The findings of the report undercut previous statements made by homeland security officials and Mr. Trump, who has pointed to his decision to implement travel restrictions against China, Iran and more than two dozen European countries as evidence that his administration responded aggressively to the pandemic. While Kenneth T. Cuccinelli II, the acting deputy secretary of homeland security, said the screening helped “reduce and delay the biggest peak in the virus,” many American citizens returning to the United States have also reported a lack of screenings.

The release of the report also comes as new evidence emerges that the tidal wave of infections that has killed more than 75,000 Americans came largely from New York City, via travelers from Europe, not China.

“Due to denials and delays, the administration lost critical time it could have used to prepare and build up capacity to mitigate — a capacity we are now struggling to build while the virus wreaks havoc in our hospitals and homes,” said Representative Raja Krishnamoorthi, an Illinois Democrat who is chairman of the House Oversight subcommittee on economic and consumer policy.

The Department of Homeland Security did not respond to requests for comment. When pressed over whether his administration responded early enough to combat the pandemic, Mr. Trump has repeatedly pointed to one of his favored topics: border restrictions.

“I think we’ve made a lot of really good decisions,” Mr. Trump said during a White House briefing last month. “The big decision was closing the border or doing the ban — people coming in from China.”

In addition to barring foreigners from China, Iran, the United Kingdom, Ireland and much of Europe, he has also cited the risks of spreading the coronavirus to effectively seal the southwestern border to asylum-seeking migrants.

More than 16,700 migrants were stopped by border officials in April, according to Customs and Border Protection data released Thursday, down from more than 34,000 in March and a steep decline from last May’s total of 144,116 — the highest single monthly total of border arrests in more than a decade. But Customs and Border Protections officers used authority granted to the surgeon general to immediately turn away 14,416 of those migrants last month without the chance to have their claim of fear heard.

While the administration’s border restrictions have prevented migrants, many fleeing violence and persecution, from entering the United States, the congressional report found that American citizens returning from coronavirus hot spots overseas passed too easily through controls.

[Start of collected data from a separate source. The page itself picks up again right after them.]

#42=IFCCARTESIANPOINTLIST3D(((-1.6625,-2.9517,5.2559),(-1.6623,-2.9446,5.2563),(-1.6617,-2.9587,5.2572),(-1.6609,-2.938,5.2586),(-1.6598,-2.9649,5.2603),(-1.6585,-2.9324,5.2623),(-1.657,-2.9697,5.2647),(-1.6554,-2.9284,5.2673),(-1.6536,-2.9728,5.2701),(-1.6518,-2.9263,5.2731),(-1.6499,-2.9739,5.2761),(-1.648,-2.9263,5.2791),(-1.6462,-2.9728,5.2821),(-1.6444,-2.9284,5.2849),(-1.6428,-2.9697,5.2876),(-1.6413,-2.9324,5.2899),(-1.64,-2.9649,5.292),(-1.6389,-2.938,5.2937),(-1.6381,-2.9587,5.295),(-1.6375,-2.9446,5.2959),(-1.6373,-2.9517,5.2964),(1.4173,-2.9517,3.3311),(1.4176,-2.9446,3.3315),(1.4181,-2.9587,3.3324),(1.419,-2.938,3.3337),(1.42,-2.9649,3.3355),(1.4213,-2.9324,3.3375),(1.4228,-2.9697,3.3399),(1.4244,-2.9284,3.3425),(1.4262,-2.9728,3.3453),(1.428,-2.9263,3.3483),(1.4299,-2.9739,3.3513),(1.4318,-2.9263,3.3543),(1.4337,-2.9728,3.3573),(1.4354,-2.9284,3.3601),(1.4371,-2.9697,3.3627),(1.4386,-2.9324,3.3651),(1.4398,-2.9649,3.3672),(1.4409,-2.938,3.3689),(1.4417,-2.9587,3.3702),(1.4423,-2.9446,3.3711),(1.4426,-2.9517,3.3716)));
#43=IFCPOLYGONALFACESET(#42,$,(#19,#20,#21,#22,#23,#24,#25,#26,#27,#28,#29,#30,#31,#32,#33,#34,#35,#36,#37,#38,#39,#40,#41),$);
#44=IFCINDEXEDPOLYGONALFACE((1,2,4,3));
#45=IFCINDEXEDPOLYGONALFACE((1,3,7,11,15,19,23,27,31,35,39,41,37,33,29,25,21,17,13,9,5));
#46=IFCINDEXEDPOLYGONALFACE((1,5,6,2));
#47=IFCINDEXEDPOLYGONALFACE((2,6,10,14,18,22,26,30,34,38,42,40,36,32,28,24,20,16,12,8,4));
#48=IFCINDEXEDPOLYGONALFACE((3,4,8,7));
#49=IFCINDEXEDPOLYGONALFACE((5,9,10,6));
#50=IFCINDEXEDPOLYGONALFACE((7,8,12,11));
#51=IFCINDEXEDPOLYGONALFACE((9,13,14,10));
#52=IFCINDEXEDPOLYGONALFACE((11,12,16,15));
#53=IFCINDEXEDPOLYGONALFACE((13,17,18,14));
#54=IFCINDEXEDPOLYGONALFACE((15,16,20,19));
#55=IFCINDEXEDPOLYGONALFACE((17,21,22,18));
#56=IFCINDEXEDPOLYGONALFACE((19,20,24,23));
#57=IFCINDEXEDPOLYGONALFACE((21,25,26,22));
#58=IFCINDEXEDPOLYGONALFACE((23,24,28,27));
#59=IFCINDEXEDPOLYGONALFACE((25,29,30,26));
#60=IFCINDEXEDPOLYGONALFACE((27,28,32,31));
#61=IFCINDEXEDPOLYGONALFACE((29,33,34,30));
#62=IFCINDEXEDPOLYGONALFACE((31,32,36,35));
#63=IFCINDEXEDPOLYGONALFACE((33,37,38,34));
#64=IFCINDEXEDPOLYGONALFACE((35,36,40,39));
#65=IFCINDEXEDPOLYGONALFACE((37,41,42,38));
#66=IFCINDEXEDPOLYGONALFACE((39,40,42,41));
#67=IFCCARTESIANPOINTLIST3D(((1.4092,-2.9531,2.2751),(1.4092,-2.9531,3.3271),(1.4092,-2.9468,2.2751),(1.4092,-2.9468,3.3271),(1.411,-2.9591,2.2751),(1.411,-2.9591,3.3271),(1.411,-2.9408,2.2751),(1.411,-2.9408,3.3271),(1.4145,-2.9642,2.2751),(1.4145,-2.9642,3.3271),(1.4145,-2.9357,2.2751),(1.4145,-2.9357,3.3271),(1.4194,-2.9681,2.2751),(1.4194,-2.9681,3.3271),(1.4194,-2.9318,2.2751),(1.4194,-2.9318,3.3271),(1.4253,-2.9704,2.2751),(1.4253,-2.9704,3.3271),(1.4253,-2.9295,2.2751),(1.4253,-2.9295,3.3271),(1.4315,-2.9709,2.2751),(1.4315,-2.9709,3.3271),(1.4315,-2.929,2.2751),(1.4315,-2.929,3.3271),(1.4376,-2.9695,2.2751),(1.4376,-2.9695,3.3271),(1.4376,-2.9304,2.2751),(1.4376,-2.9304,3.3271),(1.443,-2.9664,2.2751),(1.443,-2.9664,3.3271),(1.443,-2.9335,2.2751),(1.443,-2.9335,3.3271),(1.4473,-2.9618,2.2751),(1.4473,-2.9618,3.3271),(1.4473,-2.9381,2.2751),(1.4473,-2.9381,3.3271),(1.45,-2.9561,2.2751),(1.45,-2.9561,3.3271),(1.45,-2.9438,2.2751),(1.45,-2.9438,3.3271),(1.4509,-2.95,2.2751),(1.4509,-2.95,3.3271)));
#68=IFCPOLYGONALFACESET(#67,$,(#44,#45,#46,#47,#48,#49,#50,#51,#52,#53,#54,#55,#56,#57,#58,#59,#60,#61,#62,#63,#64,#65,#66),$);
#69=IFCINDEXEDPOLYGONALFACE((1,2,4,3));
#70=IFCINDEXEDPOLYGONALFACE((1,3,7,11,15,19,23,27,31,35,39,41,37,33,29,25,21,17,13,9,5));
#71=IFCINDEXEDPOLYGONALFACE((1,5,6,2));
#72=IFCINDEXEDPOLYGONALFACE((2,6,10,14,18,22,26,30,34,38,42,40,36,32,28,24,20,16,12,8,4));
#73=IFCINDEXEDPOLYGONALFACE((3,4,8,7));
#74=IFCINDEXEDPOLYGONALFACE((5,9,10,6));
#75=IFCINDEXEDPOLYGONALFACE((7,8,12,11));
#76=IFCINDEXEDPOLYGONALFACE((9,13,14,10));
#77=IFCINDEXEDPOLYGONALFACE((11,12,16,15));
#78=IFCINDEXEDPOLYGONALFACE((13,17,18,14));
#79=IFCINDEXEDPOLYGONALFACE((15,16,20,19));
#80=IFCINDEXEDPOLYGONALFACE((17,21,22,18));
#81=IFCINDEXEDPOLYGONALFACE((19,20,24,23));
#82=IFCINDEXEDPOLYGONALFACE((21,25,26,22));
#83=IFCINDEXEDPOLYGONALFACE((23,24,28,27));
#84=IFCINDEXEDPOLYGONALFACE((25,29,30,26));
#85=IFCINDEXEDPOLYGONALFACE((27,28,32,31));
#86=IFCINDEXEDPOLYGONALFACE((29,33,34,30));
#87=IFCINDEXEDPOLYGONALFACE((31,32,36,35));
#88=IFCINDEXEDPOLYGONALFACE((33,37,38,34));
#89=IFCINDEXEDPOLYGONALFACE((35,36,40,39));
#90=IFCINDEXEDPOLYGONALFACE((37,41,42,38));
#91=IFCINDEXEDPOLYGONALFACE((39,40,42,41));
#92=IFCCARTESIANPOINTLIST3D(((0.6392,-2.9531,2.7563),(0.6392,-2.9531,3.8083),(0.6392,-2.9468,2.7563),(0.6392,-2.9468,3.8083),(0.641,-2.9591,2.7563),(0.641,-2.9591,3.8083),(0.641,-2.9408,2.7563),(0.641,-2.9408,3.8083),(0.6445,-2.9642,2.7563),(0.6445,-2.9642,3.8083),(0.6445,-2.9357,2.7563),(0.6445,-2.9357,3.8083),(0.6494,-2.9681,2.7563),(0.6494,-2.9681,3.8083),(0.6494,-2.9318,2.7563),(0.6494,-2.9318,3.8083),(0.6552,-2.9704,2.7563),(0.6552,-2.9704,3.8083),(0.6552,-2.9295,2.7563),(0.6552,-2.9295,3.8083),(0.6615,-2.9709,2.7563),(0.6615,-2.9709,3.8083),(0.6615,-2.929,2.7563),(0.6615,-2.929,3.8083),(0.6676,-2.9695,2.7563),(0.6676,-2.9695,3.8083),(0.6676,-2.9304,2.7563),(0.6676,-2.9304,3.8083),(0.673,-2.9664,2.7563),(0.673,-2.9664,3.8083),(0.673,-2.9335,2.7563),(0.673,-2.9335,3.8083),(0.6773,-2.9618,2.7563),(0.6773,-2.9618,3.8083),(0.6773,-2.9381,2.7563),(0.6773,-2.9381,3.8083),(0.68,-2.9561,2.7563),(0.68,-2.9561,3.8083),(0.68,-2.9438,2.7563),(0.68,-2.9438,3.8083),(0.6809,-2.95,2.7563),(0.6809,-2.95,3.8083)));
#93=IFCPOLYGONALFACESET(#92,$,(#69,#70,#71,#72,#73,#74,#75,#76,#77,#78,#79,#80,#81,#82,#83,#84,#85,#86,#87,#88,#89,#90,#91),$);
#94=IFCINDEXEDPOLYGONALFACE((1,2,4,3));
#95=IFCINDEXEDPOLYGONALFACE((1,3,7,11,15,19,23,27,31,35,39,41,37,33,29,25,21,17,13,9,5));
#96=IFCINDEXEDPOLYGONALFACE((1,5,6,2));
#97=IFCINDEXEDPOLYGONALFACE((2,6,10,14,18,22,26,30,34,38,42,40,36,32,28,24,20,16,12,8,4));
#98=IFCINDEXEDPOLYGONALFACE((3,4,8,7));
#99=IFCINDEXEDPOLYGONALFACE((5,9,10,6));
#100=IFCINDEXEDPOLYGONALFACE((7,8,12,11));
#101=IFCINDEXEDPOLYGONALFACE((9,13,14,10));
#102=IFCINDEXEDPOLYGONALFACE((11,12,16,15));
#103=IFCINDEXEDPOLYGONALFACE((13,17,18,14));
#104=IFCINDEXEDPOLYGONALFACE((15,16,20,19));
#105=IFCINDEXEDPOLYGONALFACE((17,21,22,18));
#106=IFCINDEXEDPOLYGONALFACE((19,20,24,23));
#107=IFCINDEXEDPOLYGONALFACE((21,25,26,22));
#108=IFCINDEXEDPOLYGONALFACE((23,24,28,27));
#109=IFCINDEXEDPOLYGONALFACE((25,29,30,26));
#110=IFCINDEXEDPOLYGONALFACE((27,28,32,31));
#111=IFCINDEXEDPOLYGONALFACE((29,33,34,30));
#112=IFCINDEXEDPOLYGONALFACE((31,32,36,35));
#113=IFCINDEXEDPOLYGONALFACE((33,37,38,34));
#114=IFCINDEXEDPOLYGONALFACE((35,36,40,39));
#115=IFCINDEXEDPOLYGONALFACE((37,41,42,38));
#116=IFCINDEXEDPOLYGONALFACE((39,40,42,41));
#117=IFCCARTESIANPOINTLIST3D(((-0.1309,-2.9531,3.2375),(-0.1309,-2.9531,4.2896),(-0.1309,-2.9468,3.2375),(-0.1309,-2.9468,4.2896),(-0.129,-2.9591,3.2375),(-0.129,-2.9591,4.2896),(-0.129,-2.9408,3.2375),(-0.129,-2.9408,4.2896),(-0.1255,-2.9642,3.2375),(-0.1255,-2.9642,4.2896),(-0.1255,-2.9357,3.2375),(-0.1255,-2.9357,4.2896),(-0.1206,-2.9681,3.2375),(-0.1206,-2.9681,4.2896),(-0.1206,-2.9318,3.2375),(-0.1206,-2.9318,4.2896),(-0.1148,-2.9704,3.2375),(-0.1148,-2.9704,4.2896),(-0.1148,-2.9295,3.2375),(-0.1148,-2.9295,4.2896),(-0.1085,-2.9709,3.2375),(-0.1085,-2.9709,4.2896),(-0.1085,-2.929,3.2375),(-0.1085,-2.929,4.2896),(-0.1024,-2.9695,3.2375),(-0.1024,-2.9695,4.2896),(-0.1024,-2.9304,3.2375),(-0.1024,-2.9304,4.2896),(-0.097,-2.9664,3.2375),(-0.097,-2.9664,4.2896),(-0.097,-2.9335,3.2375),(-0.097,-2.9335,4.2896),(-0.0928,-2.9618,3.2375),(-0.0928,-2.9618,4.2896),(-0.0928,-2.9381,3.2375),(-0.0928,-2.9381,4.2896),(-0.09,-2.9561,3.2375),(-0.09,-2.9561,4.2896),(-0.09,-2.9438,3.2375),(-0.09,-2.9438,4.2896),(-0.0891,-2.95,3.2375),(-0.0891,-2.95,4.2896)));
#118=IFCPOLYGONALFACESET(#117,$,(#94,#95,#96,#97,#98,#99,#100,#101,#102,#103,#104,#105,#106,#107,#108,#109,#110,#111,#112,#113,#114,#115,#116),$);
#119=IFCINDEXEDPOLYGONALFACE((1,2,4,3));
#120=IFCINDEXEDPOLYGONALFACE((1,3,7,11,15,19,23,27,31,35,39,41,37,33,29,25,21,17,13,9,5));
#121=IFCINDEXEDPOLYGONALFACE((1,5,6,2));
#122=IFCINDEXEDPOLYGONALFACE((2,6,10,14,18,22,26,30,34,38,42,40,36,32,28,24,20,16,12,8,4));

After announcing the barring of foreigners from China in late January, Mr. Trump expanded the travel restrictions to more than two dozen European countries in March. American citizens returning from those countries or South Korea were funneled to 13 designated airports, where they were met by a customs officer, asked questions about their travel and medical history, and could be referred to a screening by a medical official.

But Mr. Trump’s erroneous announcement from the White House that he would be “suspending all travel from Europe to the United States,” when it only applied to foreigners, sparked a race to return to the U.S. and chaotic crowds at airports. Administration officials “were so focused on getting staffed up” that they did not address the need for social distancing measures before the restrictions were implemented, according to a statement from the oversight committee.